Ghostsong cover

Ghostsong

The Singer of Terandria • Book 3

4.56 Goodreads
(616 ratings)

Why You'll Love This

A Singer with no combat class keeps ending up at the center of wars, conspiracies, and ghost-haunted politics — and somehow, that's exactly right.

  • Great if you want: a non-combat protagonist navigating intrigue through connection and performance
  • The experience: richly atmospheric and layered — gothic city vibes with mounting political dread
  • The writing: Pirateaba builds ensemble gravity: side characters feel as alive as the lead
  • Skip if: you haven't read the earlier books — this does not stand alone

About This Book

In the Kingdom of Noelictus, where the dead don't always stay that way, Cara O'Sullivan is trying to build a life as a performer in a city that runs on shadows and secrets. But Menorome, the City of Repose, has a way of pulling even an ordinary singer into the currents of war, corruption, and power. Ghostsong is the third book in Pirateaba's Singer of Terandria series, and it deepens the stakes considerably — a kingdom on the edge of invasion, an undead threat growing outside the city walls, and Cara at the center of it all, not because she chose to be, but because of who she is and what her music does to people.
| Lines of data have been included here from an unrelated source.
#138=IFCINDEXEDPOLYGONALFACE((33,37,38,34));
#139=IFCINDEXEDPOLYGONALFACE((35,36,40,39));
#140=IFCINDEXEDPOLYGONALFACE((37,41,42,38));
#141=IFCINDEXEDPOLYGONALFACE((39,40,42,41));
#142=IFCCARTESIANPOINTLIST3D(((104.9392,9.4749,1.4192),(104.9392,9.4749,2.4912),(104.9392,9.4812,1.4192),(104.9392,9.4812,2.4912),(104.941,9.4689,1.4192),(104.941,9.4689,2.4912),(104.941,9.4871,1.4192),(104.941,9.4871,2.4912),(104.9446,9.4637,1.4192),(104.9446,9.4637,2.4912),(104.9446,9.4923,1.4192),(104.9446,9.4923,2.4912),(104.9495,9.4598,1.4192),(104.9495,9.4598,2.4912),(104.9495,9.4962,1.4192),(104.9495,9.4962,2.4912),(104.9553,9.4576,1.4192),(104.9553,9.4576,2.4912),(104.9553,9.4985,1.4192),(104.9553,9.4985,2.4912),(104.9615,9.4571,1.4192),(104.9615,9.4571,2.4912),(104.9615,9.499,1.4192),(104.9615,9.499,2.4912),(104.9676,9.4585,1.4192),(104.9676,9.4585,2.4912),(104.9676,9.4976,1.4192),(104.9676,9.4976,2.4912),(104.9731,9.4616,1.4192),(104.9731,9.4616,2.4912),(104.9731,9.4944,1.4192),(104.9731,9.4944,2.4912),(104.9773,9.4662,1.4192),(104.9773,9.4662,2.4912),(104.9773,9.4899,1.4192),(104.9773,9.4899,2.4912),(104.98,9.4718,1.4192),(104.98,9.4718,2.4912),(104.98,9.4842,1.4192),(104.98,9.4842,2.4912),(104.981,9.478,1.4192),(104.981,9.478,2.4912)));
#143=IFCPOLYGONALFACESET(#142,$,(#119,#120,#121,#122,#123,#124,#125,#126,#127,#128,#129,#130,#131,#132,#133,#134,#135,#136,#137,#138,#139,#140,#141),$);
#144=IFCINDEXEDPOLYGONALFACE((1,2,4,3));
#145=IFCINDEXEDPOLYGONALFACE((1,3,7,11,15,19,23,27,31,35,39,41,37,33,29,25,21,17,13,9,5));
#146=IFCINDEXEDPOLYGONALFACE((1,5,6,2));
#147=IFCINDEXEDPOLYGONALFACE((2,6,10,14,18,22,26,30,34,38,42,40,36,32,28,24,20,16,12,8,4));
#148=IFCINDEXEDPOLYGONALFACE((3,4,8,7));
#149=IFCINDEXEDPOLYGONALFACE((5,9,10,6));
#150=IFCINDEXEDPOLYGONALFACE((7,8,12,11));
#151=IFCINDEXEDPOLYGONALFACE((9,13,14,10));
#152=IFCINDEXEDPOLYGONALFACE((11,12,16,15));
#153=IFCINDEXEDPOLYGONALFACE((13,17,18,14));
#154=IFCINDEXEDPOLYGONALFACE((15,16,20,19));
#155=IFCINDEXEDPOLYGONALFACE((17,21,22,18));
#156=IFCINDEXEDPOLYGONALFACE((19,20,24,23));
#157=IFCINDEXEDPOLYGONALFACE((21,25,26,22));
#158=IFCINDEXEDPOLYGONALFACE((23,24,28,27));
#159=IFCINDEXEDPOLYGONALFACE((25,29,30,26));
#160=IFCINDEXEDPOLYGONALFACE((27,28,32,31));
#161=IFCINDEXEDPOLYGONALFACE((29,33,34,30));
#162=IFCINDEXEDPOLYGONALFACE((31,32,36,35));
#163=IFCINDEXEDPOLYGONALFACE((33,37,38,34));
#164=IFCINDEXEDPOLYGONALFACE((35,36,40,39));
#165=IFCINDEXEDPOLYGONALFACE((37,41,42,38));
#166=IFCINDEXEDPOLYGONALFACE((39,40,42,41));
What distinguishes this book as a reading experience is how pirateaba handles scale and intimacy at the same time. The plot moves through political intrigue, action, and quiet character moments without losing momentum, and the world-building feels genuinely inhabited rather than constructed. Cara herself is a protagonist worth spending time with — resourceful, funny, and emotionally grounded in ways that keep even the grandest set pieces feeling personal. The prose rewards readers who pay attention to the small details.